Yes, as long as condition on survival past the mode of the survival distribution, according to Kannisto (1996). So what is the mode in the life distribution in our data?

Well, it is closer to 80 than to 60, so the normal distribution assumption may be in doubt. We can compare the baseline (men in Skellefteå) distributions from the OLS fit and nonparametric estimation.
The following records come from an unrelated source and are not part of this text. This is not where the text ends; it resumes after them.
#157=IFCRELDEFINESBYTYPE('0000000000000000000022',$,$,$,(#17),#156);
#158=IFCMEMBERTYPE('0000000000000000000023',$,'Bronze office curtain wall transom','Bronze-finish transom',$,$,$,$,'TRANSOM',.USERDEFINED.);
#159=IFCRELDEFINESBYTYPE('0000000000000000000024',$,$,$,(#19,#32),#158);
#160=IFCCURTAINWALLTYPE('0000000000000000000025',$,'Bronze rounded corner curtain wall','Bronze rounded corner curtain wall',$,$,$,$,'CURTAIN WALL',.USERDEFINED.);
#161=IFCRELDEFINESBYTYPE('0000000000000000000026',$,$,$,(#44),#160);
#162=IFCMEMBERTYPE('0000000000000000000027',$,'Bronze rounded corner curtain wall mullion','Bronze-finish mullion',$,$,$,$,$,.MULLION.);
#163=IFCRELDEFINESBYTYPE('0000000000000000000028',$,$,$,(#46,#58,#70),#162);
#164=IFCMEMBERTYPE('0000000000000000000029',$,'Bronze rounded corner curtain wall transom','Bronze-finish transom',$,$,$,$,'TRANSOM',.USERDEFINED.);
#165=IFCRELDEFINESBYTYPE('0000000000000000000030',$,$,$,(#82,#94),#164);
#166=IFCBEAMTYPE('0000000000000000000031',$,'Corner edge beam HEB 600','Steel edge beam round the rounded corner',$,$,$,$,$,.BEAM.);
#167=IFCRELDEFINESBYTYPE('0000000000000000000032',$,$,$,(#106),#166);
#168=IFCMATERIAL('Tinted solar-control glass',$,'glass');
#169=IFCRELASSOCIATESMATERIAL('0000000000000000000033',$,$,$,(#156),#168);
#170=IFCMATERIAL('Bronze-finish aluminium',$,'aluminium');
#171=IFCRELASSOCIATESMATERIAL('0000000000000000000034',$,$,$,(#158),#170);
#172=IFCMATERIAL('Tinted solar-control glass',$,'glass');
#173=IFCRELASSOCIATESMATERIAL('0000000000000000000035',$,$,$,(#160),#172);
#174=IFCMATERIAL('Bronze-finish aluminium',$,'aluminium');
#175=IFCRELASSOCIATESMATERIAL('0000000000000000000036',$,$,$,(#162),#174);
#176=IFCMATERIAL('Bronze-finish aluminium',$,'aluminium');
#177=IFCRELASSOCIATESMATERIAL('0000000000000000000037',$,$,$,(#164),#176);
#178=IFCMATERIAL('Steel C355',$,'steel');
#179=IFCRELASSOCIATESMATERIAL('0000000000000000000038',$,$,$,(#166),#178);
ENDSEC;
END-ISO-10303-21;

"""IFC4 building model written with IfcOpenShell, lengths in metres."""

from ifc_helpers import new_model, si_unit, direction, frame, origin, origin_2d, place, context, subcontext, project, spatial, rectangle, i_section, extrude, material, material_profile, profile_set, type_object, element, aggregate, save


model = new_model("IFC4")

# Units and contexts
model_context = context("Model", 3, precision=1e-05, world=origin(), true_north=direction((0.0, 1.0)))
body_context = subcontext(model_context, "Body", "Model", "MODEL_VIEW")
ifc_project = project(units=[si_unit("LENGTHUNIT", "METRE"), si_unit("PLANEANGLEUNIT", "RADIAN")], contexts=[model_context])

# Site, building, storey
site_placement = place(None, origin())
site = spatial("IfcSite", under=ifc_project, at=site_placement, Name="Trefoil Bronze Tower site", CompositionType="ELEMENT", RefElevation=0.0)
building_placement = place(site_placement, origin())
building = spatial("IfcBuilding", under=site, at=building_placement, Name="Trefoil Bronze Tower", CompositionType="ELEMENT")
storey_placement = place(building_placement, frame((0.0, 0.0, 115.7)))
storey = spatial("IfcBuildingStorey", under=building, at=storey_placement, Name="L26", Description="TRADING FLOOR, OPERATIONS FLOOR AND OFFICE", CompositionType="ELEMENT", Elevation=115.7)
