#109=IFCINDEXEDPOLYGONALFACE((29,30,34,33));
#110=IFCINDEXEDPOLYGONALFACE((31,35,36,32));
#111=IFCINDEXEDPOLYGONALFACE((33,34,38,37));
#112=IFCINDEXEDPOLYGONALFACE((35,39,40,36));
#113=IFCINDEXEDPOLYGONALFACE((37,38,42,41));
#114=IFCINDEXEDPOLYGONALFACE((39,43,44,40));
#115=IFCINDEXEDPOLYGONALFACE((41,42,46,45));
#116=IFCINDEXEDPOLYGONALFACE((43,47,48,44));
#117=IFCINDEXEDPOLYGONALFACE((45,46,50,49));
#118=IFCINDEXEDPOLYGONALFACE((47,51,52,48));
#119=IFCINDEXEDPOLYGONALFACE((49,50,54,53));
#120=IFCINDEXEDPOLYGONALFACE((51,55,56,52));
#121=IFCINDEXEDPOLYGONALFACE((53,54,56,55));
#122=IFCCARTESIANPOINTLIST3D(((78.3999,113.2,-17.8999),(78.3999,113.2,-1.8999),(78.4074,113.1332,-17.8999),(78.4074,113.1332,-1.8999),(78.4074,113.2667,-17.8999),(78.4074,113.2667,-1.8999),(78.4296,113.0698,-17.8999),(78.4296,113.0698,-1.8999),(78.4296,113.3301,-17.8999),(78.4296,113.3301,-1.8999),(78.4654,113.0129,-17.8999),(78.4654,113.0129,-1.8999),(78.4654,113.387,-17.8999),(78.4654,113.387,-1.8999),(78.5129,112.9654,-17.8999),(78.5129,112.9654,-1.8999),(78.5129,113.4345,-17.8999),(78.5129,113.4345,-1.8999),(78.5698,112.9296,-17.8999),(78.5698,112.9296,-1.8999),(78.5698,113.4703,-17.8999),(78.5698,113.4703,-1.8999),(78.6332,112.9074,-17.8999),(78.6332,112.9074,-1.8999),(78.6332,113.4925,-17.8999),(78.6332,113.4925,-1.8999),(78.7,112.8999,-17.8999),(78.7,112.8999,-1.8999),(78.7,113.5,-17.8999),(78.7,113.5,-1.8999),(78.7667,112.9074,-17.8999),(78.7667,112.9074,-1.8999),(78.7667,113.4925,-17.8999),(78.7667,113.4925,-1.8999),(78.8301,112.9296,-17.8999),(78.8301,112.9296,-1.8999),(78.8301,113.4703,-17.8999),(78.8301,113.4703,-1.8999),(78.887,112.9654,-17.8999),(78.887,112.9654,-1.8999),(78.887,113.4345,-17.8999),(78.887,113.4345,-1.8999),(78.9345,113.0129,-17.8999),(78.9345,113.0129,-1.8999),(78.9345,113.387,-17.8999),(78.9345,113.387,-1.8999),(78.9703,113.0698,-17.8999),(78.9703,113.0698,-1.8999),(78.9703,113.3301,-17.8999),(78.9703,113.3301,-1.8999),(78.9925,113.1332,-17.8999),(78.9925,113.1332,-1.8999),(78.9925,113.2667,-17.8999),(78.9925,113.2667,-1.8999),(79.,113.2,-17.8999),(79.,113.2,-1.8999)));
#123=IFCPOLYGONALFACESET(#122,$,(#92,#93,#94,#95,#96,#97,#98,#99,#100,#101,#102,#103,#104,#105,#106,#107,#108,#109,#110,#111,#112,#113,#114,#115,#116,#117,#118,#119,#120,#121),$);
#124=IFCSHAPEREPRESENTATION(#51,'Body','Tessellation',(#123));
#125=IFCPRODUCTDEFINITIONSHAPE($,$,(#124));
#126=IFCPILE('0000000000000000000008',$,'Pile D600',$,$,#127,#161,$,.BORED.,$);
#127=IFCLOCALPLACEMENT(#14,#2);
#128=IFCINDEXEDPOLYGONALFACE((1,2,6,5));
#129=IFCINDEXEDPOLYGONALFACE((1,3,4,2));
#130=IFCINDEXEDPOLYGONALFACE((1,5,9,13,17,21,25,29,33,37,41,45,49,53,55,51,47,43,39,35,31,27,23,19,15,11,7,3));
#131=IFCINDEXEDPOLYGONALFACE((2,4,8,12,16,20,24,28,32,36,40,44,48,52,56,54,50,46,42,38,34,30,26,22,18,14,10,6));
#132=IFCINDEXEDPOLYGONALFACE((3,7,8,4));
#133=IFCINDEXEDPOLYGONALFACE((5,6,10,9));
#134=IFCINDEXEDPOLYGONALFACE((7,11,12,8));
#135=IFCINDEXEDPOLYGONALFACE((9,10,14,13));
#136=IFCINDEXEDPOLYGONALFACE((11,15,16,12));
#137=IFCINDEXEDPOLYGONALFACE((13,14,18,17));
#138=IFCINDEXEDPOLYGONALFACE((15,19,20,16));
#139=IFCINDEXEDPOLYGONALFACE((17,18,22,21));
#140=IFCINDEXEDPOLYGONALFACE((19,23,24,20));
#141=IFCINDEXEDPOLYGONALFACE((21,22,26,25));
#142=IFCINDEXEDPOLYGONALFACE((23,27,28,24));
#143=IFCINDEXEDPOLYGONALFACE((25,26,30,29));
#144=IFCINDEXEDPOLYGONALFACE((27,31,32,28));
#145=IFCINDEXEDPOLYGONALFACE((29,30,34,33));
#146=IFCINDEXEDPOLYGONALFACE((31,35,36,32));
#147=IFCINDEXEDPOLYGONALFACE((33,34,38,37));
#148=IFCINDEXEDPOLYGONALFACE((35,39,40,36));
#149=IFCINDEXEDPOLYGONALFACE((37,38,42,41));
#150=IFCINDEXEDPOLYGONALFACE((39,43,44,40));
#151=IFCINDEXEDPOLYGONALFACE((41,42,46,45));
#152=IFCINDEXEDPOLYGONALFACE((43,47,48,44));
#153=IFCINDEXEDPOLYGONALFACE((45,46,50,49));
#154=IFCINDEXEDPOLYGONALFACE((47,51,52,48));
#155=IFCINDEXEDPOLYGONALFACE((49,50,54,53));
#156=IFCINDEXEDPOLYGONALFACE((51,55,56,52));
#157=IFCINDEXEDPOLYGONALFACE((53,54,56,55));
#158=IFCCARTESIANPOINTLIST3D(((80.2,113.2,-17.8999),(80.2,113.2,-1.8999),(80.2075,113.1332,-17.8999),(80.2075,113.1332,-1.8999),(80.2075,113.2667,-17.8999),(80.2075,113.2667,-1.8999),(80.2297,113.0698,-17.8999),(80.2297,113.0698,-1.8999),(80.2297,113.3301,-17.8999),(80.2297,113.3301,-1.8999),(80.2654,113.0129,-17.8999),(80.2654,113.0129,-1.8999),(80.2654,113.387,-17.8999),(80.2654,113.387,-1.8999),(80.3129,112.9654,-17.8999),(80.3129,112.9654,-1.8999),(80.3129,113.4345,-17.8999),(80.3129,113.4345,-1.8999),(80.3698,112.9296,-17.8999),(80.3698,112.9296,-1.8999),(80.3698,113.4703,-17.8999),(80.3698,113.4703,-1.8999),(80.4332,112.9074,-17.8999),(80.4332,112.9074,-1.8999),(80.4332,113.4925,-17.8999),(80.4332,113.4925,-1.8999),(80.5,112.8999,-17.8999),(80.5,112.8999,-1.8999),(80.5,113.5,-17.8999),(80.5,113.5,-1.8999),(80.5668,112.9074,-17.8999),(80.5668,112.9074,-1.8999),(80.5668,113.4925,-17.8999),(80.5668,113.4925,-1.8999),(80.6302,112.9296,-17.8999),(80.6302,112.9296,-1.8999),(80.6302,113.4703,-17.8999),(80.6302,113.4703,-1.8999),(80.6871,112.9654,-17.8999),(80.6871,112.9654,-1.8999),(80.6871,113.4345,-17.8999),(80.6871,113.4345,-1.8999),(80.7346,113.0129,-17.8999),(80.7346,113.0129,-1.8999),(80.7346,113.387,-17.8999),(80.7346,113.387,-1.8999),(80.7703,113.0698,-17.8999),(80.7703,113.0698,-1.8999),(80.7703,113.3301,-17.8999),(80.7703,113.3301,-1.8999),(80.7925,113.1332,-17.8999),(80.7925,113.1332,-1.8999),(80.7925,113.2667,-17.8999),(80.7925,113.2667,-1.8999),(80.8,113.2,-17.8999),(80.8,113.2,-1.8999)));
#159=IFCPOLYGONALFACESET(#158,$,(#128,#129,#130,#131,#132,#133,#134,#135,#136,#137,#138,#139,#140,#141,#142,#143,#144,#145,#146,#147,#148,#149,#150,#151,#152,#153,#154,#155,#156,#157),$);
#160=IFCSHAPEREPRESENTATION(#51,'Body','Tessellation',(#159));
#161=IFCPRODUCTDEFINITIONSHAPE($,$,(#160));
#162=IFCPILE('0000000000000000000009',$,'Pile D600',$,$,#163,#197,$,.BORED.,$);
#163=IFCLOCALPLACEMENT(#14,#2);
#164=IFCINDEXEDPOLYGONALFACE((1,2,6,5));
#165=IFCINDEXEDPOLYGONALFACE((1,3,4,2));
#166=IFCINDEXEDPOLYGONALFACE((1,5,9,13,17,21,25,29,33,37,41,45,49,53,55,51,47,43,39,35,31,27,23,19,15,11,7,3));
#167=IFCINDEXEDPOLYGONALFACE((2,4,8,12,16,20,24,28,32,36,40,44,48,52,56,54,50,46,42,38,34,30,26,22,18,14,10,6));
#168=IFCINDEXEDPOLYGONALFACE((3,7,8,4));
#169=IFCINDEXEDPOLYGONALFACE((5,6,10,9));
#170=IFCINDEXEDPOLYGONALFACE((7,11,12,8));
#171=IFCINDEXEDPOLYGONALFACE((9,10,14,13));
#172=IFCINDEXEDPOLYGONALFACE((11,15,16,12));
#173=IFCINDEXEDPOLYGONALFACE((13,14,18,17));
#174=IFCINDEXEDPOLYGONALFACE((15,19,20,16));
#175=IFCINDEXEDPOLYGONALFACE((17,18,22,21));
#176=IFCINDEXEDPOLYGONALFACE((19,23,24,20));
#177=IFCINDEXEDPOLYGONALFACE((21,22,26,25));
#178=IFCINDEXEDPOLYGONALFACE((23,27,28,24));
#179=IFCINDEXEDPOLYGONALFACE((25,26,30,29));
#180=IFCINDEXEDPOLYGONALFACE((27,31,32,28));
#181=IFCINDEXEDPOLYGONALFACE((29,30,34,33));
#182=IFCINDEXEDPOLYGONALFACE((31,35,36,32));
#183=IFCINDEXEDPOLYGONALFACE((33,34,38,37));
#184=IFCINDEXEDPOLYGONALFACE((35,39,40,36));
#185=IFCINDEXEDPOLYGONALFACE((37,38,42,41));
Looks quite ok, even though the OLS curve heavily overestimates the ages above 90. No simple parametric model will catch the heavy slow-down of the mortality increase in the high ages.

Maybe the PH model fits better than the AFT? Compare max log likelihoods.

```
Call:
phreg(formula = Surv(exit, event) ~ sex + region, data = ols,
dist = "gompertz")
Covariate W.mean Coef Exp(Coef) se(Coef) Wald p
sex
male 0.460 0 1 (reference)
female 0.540 -0.036 0.964 0.035 0.296
region
ske 0.697 0 1 (reference)
ume 0.303 0.142 1.153 0.037 0.000
log(scale) 2.594 0.025 0.000
log(shape) -1.244 0.059 0.000
Events 3350
Total time at risk 58983
Max. log. likelihood -12246
LR test statistic 15.01
Degrees of freedom 2
Overall p-value 0.000551037
```

No, the difference is very small: 0.582 in favor of the PH model. Not much to argue about.

These are the mortality patterns for the four groups we are contemplating. Worth noting is that male mortality above age 90 is so low (compared to women).